Thanks for the help. I'll start taking some pics and post my progress.


----------



## Grandcheapskate (Jan 5, 2006)

Just realize that if you nail/screw your track down to the board under your foam, the noise will get transferred right down the screws to the table top. All the noise insulating foam will seem as if it isn't even there.

I have my track on a rug over plywood. Pretty quiet right now. I tried screwing down a few sections once, and the noise level on those pieces shot right through the roof. I decided to leave the track unsecured.

I guess if your hard base surface suppresses noise, then you could screw and/or nail into it without a large increase in noise.

Joe


----------



## slotcarman12078 (Oct 3, 2008)

You might try a silicone caulk to hold the track in place. Use it sparingly, and the removal down the road won't be such a big job. It should hold the track in place fairly well. 

As far as filling joints, I have no clue! I can't think of anything to put on them that will fill good, and not jeopardize the electrical connections, or the usability of the track if you decide to do the table over later..


----------



## AfxToo (Aug 29, 2003)

I would put countersinks in the track and use wood or sheetrock screws with the threads dipped in a good quality paintable latex siliconized caulk to secure the track to the foam. Thread the coated screws right into the foam, not the underlying wood. You may have to put some books or weights on the track to hold it while the caulk cures. Clean off any excess caulk with a damp cloth. Use the same caulk to fill the gaps between the adjacent 2-lane track pieces prior to painting. Yeah, using a light colored paint really makes the gaps "pop" which is why I did not paint my track, but filling the major gaps will help. If you were securing the track to wood then a lightweight vinyl spackle would work as filler.


----------



## hojoe (Dec 1, 2004)

If your track is black then black modeling clay can fill in the gaps very well.
hojoe


----------



## fishflyer (Jan 12, 2007)

I was thinking about using modeling clay to fill the gaps too. It could be pushed into the slot to completely fill the gap then filled or sanded to smooth it. I wonder if it would hold up to the pin coming by all the time though.


----------



## slotcarman12078 (Oct 3, 2008)

The other clay question is will it match the paint? If you stay with the black track, there is black clay NTx has tried for filling in gaps and spaces between tracks (side to side, not at the joints). He has a thread here in track building where you can find info. If you still want to paint the track gray, there is going to be another trick. You either have to match the paint to the clay, or paint the clay which may not be feasible. I would leave the slots clear of the clay...


----------



## Grandcheapskate (Jan 5, 2006)

fishflyer said:


> I was thinking about using modeling clay to fill the gaps too. It could be pushed into the slot to completely fill the gap then filled or sanded to smooth it. I wonder if it would hold up to the pin coming by all the time though.

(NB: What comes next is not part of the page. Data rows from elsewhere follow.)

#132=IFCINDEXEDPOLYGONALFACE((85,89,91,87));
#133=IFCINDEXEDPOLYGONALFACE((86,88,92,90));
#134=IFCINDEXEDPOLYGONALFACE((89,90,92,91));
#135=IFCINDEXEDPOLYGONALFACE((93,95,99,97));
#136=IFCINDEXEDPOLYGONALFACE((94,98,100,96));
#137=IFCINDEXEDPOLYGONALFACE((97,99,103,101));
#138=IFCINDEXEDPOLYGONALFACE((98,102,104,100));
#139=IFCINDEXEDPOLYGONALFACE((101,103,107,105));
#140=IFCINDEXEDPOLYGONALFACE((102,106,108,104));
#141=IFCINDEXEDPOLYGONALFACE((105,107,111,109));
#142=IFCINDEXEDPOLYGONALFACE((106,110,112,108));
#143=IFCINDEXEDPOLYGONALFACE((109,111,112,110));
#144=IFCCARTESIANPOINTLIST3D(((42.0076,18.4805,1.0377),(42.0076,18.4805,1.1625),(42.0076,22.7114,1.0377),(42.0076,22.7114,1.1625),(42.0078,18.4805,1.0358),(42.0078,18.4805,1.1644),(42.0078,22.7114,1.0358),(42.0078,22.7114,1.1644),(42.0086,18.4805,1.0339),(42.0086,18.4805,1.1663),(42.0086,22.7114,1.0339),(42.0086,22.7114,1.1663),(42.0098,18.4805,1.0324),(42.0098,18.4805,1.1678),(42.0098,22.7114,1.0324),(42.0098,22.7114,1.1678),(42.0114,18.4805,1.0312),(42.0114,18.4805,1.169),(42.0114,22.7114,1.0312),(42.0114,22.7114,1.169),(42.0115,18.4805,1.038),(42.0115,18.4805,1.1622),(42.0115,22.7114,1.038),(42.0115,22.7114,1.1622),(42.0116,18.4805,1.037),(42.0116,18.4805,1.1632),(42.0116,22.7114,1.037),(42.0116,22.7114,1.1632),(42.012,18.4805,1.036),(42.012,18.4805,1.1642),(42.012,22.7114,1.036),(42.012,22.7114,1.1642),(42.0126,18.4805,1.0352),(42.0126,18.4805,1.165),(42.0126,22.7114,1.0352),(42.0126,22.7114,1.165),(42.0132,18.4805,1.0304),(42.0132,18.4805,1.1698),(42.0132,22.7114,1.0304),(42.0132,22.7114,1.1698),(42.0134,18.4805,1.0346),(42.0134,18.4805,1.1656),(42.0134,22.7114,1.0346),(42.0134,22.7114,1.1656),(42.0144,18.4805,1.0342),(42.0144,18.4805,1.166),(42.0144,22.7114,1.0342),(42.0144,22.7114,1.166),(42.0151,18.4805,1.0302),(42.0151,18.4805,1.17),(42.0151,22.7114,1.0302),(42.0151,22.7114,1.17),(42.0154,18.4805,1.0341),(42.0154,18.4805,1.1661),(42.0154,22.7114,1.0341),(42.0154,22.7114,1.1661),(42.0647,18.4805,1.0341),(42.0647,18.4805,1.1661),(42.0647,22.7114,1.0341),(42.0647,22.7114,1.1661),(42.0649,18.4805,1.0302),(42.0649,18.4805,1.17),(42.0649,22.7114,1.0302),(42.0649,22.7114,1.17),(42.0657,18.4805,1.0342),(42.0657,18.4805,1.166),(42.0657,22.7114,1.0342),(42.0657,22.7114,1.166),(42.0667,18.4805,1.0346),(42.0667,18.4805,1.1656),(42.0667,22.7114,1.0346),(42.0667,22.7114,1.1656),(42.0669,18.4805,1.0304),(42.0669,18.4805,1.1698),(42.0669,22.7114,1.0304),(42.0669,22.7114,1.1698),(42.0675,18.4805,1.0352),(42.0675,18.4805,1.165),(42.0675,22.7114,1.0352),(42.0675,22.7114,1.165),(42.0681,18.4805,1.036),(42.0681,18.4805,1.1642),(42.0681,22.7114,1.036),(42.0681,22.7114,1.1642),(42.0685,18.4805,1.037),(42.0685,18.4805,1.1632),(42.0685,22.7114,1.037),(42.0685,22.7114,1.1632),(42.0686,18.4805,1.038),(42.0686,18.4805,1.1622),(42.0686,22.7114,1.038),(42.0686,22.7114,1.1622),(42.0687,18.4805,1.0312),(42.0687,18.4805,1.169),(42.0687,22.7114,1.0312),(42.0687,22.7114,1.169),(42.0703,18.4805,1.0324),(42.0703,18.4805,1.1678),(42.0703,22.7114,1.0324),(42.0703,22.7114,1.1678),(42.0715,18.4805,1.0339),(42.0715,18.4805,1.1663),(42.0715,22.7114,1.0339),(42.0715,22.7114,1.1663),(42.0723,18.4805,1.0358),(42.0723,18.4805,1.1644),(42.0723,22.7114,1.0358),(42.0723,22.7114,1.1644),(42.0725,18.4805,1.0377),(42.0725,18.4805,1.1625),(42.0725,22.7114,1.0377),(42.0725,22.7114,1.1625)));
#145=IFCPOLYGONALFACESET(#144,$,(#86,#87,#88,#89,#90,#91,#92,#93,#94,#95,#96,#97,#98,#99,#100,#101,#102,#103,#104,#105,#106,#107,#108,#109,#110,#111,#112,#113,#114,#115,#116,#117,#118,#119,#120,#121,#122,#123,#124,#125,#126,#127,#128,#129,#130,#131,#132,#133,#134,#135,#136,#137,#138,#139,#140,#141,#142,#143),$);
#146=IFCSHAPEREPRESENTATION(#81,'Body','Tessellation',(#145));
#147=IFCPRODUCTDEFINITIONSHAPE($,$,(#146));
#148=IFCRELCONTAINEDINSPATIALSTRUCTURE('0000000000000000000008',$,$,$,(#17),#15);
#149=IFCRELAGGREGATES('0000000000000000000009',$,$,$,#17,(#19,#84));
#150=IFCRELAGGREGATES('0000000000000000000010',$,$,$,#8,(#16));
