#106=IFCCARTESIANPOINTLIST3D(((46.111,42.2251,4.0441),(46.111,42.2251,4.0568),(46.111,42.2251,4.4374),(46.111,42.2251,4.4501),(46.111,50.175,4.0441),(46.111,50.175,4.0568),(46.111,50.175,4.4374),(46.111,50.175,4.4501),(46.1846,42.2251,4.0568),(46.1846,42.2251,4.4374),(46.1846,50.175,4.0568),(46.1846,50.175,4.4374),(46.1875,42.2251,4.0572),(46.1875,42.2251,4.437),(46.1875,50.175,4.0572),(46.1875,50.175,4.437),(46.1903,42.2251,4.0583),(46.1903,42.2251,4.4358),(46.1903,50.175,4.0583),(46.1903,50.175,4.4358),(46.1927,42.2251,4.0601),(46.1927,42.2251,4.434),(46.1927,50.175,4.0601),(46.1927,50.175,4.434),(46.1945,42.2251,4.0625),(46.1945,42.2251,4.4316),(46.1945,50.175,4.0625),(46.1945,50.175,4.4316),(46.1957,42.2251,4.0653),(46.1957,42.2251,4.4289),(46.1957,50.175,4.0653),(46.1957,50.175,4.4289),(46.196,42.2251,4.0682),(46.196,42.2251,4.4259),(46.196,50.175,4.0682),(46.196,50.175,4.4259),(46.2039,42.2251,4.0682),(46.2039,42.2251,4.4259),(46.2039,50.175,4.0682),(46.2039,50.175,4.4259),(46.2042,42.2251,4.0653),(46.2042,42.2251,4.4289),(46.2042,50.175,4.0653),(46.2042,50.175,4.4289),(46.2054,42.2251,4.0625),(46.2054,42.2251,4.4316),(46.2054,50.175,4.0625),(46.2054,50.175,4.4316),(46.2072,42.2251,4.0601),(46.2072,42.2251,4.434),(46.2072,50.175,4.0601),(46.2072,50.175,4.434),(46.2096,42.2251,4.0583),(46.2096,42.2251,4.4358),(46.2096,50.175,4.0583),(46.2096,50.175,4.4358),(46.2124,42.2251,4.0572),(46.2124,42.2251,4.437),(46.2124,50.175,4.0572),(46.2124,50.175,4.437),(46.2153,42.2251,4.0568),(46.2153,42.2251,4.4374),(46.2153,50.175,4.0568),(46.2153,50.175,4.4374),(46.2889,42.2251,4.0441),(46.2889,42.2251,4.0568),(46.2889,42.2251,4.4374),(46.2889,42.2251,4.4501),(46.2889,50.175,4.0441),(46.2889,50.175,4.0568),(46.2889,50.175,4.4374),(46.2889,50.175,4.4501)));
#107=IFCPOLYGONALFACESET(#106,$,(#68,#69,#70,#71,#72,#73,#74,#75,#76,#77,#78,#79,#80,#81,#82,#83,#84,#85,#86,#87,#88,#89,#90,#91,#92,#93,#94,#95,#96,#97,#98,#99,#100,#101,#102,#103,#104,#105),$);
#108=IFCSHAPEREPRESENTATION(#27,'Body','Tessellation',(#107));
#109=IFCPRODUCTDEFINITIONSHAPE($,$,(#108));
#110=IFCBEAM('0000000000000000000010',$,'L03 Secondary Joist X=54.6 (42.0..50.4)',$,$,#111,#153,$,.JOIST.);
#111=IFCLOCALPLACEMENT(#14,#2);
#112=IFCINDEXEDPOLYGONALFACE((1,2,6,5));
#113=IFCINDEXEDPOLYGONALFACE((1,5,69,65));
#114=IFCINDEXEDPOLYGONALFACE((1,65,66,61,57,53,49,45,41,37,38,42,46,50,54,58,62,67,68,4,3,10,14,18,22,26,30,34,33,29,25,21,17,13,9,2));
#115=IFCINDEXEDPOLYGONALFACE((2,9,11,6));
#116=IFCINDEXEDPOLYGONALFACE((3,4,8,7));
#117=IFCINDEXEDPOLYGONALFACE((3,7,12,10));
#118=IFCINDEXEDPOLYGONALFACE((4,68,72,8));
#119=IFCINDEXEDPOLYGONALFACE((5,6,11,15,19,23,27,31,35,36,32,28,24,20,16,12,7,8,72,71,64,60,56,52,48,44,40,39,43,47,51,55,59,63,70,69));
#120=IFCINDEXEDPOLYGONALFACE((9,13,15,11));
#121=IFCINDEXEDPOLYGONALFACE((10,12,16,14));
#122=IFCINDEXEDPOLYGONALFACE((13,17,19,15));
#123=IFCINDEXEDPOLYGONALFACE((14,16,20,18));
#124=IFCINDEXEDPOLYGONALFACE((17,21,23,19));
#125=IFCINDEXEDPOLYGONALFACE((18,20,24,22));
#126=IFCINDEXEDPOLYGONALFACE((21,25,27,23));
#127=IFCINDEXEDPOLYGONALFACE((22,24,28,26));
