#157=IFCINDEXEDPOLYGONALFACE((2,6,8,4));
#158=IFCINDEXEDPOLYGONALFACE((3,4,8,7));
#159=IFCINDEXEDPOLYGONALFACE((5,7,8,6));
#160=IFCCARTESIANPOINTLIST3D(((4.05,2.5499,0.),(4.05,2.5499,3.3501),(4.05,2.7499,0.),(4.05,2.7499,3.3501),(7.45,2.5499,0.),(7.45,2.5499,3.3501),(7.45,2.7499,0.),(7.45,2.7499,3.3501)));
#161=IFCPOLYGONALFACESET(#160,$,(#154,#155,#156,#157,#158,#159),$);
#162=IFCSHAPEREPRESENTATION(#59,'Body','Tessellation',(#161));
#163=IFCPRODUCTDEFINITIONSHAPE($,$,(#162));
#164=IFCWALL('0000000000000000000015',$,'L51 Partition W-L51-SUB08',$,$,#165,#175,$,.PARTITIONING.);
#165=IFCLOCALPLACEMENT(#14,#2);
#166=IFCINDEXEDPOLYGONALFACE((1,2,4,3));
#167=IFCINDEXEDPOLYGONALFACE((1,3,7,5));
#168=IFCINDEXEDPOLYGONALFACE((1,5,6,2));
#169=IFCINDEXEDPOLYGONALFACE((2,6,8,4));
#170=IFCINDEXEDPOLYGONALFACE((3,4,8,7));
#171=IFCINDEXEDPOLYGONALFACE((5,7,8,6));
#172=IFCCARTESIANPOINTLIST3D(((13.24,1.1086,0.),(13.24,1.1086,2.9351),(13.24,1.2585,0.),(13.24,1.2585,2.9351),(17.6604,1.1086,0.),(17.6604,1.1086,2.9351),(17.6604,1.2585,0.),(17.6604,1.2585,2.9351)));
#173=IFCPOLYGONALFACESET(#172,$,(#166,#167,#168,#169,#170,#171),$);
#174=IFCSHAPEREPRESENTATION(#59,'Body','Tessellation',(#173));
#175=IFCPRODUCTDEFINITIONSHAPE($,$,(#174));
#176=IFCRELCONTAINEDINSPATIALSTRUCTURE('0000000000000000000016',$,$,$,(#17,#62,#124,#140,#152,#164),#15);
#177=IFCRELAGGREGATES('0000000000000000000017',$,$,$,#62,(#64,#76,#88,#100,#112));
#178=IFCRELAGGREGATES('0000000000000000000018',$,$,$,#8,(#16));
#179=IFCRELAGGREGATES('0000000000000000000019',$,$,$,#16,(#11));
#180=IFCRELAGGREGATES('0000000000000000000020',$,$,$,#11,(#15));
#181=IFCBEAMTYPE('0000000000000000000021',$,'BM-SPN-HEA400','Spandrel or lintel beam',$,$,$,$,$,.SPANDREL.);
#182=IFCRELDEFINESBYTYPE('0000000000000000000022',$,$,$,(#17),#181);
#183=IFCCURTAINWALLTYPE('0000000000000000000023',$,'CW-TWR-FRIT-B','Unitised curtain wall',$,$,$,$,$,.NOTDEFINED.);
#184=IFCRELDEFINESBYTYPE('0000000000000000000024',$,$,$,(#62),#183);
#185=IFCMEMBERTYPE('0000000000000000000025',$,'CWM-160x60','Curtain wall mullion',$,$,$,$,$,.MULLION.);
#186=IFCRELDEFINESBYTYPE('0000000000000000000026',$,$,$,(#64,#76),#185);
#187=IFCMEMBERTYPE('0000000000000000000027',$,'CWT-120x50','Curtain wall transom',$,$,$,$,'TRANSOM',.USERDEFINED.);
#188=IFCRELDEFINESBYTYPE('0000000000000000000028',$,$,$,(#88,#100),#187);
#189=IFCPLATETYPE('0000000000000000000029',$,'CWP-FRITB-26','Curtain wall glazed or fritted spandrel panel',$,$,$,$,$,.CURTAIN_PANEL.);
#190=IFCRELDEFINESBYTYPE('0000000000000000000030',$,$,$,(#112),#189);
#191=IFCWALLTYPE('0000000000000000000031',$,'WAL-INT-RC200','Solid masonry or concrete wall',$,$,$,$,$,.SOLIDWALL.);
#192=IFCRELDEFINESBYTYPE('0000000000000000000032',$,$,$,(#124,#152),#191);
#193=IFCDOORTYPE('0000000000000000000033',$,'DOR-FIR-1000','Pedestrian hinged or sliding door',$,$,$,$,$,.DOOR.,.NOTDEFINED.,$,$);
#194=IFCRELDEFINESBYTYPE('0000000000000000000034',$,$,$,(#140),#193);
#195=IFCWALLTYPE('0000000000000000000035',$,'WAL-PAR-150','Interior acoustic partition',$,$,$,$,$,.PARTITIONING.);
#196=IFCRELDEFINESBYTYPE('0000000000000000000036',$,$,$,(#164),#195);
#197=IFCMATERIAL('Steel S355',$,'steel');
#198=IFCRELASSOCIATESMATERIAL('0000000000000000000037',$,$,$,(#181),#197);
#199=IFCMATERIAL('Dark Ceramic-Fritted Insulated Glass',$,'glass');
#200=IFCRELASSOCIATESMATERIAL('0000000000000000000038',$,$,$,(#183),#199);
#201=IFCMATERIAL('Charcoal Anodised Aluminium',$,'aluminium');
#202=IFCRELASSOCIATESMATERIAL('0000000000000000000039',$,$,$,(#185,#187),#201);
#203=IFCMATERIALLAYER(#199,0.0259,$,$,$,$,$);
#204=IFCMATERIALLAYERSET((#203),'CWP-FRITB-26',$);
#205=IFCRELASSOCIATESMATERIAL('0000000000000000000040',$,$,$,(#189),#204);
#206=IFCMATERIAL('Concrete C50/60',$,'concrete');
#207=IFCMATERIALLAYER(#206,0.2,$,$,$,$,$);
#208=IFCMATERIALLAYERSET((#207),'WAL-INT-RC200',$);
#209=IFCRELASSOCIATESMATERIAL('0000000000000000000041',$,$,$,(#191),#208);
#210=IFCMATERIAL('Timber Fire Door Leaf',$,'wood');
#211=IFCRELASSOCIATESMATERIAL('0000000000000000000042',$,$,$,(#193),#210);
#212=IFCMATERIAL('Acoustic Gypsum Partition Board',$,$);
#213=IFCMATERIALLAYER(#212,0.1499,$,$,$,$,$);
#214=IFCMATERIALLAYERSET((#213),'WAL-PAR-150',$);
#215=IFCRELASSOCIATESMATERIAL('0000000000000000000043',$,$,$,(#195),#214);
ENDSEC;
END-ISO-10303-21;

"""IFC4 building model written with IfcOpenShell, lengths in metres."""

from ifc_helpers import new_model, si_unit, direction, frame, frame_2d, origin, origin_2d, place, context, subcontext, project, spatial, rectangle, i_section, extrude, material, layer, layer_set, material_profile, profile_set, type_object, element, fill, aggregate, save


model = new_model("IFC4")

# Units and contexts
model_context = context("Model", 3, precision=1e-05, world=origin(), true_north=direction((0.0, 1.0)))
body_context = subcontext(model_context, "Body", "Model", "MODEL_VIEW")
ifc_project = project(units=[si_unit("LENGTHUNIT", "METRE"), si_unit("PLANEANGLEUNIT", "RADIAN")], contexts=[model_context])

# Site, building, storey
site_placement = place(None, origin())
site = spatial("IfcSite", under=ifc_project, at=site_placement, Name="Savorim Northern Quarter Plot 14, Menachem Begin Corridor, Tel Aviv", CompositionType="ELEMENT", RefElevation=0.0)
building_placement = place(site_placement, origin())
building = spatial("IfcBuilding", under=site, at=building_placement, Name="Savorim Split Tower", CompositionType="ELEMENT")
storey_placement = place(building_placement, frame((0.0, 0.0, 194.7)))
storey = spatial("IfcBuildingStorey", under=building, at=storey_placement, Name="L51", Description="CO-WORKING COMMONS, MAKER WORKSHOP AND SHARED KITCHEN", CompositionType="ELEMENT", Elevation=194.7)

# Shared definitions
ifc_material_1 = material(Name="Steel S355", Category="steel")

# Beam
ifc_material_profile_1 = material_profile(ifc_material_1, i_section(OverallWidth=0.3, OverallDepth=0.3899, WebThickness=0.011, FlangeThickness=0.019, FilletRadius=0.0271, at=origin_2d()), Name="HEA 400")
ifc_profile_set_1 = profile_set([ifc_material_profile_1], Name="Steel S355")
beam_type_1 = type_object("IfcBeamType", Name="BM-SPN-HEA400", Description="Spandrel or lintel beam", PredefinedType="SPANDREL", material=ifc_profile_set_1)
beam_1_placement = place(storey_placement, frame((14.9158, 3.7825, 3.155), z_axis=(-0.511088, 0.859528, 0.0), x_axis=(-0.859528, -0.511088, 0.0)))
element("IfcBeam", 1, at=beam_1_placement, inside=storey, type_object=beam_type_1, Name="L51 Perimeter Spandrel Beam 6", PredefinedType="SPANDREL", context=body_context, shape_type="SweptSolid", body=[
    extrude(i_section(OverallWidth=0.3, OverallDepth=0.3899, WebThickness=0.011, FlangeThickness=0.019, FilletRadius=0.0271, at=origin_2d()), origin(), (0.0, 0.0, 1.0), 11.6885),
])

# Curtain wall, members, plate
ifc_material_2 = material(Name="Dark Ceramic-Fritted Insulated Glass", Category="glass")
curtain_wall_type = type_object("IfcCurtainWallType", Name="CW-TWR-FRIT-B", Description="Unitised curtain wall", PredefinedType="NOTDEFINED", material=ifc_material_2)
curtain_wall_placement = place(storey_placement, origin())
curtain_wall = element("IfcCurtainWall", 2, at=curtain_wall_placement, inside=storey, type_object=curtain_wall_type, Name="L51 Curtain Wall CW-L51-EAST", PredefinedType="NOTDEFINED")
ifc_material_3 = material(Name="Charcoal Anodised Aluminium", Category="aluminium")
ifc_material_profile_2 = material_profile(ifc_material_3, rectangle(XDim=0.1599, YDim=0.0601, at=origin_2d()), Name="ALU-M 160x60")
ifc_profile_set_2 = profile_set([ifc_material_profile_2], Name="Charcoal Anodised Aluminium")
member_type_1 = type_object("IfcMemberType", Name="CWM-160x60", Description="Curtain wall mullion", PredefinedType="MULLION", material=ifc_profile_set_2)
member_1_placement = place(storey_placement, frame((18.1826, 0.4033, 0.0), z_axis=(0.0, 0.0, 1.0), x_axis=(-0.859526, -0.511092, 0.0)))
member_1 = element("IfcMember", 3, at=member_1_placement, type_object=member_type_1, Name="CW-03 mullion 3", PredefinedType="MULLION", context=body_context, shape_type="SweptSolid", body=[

Filling the gap inside the slot is not as easy as it sounds. You may well make a mess and/or gunk up whatever tool you use to sand it out (I tried plastic wood and used a grinding stone in the Dremel - bad move). Plus you'll never know when you've gotten it all out of the slot (down to the bottom) and whether you left any little ridges for the guide pin to hang up on.

I've been trying to figure out how to do this for a long time and still no good method has occured to me.

Joe


----------



## injectorman (Oct 26, 2009)

Fixing track is a no-no, it expands with heat and then buckles. Let it "float". Easier, cheaper, better. If you need to fix the track to the table in critical places a dab of hot glue gun glue, comes off easily and leaves track perfectly clean like new.


----------



## txronharris (Jun 1, 2005)

injectorman said:


> Fixing track is a no-no, it expands with heat and then buckles. Let it "float". Easier, cheaper, better. If you need to fix the track to the table in critical places a dab of hot glue gun glue, comes off easily and leaves track perfectly clean like new.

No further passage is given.